Computers represent numbers in a funny way. Let's say you had a fraction that repeats forever — say, 1/9, which in decimal is 0.1111… A computer can't represent that number with an infinite number of 1s. It has to cut off the number at some point. And in fact, it won't necessarily cut it off in precisely the same way across different machines, programming languages, compilers, architectures, and chips. Many modern systems are designed with 32-bit precision. That means that a number can be represented with up to 32-bits of data. Each bit is a 0 or a 1, so in binary 32-bits could represent numbers as large as 4294967296. In practice, you get a few bits less than that. There are normally only 7 significant figures that can be represented.

This may seem rather esoteric, but it turns out that this all matters quite a bit in neural network training. Those small differences in precision can pretty dramatically change training stability. In general, during training, you want to be as precise with your numerical methods as possible. Unfortunately there's no free lunch. The increase in precision comes with a memory trade off. If every number in your model is represented with, say, 64 bits instead of 32 bits, you have effectively doubled your model size.

But during inference, the whole stability thing matters way less. The authors realize that they can effectively cut their model size in half by using 16-bit numeric representations. And, importantly, this does not seem to meaningfully change the actual accuracy of the model a ton. Smaller models means cheaper deployments means happier CFOs.

This technique is now known as model quantization.

It is an extremely effective way to get models for edge computing — neural networks that can run on watches or smartphones without having to deal with network latency or remote data storage. It is also popular in the open source community, for folks who want to run the latest and greatest models on consumer hardware.
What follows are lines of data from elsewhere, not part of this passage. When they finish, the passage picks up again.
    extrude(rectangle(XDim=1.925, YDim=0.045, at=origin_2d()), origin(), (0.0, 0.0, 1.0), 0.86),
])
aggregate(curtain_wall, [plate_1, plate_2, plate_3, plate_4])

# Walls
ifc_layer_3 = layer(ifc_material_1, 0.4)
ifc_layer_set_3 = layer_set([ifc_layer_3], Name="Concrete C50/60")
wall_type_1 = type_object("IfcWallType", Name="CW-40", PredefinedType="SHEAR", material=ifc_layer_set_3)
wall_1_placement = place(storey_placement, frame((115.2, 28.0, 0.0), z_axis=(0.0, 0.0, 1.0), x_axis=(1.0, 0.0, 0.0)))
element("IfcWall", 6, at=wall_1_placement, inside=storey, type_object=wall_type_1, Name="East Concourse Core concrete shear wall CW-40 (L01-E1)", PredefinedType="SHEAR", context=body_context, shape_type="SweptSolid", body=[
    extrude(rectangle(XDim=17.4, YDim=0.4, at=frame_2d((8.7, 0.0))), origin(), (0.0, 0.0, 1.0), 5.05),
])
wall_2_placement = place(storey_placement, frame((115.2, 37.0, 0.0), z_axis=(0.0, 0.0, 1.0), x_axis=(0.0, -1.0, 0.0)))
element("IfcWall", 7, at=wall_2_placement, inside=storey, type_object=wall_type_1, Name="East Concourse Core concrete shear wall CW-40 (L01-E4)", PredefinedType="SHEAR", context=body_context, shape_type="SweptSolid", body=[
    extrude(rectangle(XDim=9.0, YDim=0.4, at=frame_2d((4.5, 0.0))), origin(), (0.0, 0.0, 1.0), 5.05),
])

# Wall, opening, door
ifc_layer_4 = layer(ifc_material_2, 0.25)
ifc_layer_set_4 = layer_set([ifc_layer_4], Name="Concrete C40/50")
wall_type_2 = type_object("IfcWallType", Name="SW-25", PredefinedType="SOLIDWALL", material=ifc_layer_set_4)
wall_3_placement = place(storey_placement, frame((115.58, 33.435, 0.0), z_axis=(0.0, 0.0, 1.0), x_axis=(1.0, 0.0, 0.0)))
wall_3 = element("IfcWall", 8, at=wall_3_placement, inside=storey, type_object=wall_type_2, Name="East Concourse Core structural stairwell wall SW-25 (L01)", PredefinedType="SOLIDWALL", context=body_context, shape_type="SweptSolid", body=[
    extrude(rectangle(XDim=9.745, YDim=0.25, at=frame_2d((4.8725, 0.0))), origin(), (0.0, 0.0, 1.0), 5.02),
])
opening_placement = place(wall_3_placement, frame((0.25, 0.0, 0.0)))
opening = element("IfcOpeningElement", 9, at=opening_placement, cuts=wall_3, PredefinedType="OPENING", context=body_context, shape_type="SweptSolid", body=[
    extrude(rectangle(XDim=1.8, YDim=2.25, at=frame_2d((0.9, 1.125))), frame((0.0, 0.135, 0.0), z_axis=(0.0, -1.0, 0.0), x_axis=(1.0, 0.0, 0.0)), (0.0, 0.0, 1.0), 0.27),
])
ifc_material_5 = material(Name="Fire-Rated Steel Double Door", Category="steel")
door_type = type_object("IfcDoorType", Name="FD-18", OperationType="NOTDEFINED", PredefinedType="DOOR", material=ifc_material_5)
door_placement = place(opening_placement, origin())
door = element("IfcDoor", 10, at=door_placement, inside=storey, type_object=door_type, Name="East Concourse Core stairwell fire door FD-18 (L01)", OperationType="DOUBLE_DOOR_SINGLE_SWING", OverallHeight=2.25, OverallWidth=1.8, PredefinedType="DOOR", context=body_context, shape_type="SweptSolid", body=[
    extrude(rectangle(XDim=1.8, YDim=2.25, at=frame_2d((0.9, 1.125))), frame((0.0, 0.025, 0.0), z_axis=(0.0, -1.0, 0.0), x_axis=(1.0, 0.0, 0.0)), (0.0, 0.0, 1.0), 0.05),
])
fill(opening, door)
In my initial review of the AlexNet paper, I skimmed over a lot of the tips and tricks that they used to get their model to work. AlexNet is, frankly, an old paper. And even though it is in many ways responsible for revitalizing interest in neural networks, that paper simply does not have that much value to a modern day practitioner. DS2, on the other hand, feels fairly modern, even though it's a decade old. Yes, many of the architectural choices are a bit dated — layer norm has overtaken batch norm, and transformers would be a much better choice than bi-directional RNNs — but many of the deployment and training stabilization techniques are still extremely relevant.

From a theory perspective, there were two parts of this paper that really stood out.
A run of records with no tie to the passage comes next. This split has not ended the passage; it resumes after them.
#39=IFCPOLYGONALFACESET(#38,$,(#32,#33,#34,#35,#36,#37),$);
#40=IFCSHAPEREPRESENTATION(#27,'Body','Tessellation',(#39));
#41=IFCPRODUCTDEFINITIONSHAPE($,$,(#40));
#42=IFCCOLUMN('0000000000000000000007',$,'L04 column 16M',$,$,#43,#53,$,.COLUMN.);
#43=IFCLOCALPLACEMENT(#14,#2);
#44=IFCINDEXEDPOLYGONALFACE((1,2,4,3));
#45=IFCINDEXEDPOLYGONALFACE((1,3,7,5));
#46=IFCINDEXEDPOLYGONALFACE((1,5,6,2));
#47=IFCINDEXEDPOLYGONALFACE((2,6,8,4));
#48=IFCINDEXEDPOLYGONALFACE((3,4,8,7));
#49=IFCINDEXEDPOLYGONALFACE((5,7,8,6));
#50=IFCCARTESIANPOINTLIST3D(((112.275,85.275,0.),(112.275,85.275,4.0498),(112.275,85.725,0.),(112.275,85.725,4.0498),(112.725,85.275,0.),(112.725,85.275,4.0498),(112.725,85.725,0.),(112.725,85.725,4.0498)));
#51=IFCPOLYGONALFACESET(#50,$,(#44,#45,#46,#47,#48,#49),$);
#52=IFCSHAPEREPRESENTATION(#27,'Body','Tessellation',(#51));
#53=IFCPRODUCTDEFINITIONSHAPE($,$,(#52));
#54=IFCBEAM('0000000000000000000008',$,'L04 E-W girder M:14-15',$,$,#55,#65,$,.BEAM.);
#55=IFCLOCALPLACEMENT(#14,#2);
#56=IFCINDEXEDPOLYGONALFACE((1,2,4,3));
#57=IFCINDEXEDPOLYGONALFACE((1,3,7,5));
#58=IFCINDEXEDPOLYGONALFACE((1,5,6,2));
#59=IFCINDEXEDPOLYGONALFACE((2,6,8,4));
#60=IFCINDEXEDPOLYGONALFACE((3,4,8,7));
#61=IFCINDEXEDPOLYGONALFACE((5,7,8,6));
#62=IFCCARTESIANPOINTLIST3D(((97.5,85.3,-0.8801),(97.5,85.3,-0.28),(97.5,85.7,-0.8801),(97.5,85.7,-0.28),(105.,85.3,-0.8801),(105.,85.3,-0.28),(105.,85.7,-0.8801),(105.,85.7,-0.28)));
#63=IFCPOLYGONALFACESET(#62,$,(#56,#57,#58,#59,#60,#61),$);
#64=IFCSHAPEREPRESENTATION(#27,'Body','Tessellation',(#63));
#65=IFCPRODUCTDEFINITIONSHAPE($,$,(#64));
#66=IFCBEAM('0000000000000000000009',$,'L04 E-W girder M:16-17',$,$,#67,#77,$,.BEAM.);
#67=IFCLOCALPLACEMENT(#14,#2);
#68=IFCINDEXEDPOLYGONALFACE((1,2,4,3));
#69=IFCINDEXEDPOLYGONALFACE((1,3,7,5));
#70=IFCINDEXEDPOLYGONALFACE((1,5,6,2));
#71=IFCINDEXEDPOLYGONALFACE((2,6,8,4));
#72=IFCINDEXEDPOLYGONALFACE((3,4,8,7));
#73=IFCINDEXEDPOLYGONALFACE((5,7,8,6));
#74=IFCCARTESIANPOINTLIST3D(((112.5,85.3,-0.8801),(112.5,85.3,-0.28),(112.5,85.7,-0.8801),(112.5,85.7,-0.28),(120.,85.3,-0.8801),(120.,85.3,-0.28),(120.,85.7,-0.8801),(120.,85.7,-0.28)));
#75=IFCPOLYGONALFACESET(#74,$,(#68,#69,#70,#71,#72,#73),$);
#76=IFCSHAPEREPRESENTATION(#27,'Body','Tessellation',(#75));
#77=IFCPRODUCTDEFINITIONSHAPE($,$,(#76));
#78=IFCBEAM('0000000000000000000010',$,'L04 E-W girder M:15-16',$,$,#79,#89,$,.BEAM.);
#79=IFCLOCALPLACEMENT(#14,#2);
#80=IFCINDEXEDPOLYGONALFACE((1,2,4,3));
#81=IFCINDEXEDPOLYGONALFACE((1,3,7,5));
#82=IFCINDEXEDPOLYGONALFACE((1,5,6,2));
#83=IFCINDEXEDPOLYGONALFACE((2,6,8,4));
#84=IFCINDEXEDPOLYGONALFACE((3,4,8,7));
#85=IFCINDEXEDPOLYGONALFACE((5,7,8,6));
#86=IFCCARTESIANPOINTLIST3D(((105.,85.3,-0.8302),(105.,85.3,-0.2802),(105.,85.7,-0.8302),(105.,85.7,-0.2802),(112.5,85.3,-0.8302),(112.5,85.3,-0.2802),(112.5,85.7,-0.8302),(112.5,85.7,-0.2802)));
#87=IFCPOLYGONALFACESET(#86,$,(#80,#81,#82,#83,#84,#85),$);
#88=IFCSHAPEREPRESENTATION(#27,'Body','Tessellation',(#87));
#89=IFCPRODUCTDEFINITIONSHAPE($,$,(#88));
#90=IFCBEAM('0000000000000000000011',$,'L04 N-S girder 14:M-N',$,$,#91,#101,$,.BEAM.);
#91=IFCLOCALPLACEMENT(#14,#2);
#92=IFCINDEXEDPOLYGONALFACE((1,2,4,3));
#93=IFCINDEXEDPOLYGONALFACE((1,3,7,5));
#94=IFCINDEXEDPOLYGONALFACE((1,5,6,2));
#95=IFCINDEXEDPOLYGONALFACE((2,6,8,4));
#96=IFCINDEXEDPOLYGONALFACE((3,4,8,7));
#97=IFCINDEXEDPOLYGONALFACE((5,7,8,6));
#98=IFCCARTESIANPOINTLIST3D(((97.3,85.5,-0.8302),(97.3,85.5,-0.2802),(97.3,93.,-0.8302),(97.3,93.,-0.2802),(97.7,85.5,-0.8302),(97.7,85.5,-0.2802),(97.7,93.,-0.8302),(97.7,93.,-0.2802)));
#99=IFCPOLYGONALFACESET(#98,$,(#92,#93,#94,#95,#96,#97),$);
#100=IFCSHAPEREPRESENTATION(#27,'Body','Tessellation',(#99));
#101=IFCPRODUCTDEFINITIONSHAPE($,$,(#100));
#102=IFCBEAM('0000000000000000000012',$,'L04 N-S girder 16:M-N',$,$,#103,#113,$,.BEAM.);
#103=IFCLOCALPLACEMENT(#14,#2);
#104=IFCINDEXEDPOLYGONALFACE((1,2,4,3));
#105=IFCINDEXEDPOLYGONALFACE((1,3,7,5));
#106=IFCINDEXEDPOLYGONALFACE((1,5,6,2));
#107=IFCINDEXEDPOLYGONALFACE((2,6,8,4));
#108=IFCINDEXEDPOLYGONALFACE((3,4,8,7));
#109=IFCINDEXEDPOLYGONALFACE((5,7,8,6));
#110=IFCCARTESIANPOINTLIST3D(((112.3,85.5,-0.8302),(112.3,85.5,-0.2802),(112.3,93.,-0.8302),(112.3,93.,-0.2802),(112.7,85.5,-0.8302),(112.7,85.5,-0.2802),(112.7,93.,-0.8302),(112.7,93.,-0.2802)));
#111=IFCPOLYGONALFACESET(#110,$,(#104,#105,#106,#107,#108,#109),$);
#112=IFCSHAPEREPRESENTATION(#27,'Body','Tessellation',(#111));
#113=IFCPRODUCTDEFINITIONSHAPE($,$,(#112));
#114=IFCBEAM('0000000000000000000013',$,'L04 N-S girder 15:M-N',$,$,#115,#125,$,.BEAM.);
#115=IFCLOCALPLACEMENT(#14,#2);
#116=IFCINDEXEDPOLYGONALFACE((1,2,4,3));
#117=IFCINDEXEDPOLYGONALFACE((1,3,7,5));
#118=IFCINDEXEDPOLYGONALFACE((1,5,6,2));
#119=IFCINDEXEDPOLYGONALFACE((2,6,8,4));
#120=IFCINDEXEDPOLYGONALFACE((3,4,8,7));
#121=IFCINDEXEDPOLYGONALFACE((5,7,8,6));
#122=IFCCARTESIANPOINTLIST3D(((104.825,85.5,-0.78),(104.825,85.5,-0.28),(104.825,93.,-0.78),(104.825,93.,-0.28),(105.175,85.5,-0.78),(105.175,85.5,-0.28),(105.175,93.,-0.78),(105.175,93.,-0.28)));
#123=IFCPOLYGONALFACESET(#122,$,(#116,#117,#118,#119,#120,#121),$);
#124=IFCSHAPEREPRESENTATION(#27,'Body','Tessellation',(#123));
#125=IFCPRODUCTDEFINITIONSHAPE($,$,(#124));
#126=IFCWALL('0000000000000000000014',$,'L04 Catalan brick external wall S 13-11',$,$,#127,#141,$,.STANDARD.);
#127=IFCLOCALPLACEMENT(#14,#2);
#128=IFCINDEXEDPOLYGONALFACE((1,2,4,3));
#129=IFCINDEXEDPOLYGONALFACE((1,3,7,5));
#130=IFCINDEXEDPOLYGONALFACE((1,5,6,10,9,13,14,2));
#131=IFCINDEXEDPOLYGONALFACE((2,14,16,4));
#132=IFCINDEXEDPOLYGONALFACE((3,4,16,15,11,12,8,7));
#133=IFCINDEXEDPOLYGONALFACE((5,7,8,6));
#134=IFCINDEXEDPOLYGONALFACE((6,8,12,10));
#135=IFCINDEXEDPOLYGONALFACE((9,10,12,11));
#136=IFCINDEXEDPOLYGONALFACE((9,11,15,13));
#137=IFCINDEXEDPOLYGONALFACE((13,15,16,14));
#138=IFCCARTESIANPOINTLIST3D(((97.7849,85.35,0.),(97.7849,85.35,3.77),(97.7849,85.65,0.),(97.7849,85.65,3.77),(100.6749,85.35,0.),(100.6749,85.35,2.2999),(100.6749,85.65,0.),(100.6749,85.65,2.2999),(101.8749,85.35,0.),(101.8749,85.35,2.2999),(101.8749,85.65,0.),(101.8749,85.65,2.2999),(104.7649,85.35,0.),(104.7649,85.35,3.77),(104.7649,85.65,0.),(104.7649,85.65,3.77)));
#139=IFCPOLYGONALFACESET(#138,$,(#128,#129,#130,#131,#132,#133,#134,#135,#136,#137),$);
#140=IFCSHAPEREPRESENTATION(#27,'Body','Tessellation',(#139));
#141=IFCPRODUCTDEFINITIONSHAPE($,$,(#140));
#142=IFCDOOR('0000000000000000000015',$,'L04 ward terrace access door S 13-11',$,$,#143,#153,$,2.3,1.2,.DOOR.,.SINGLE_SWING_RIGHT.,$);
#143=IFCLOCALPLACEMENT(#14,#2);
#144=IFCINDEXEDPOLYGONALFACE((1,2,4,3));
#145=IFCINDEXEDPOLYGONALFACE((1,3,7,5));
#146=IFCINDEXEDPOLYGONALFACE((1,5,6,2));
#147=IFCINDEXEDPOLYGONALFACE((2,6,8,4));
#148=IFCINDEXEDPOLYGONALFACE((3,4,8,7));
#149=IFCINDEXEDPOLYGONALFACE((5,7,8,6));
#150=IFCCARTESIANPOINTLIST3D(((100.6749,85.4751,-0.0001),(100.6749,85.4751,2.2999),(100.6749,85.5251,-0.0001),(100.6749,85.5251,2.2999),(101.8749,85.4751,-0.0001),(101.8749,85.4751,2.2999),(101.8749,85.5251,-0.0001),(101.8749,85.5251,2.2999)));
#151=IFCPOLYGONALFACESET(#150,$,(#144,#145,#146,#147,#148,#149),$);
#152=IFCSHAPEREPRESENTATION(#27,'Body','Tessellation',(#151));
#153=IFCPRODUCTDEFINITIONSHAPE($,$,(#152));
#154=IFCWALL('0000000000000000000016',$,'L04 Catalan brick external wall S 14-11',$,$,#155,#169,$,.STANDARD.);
The first is the power-law relationship between training data and model performance. In 2015, there was still a fair bit of controversy about the scaling hypothesis — that is, the idea that models would continue to get better as the amount of training data and available compute scaled up. There was some amount of intuition that these models would do better, but no one had rigorously examined how much better. Was the relationship linear? Logarithmic? Exponential? How much juice could we expect to squeeze from an additional GPU? As far as I'm aware, DS2 is the first time anyone showed rigorous results on the subject in an actual production setting. In 2025, the power-law relationship between training data and model performance is well established. In 2015, this was a key step towards inspiring a generation of researchers to build bigger.

The second is the idea of using a weaker model to train a newer, stronger model. Boosting has been around for a long time, so strictly speaking using weak models is not particularly new. But the particular implementation of sampling a weaker model to provide high quality training data for a new, stronger model that does more or less the exact same thing…I mean, that's basically what every AI shop in the world is doing these days. I don't know when exactly that approach became mainstream, but I was definitely surprised to see this strategy pop up as early as 2015.

Other than that, though, there's not much more to add. My insight section is a bit shorter than usual; at the end of the day, DS2 is an engineering paper, and the interesting bits are in the implementation, not in whatever fancy theory crafting I might do at the end.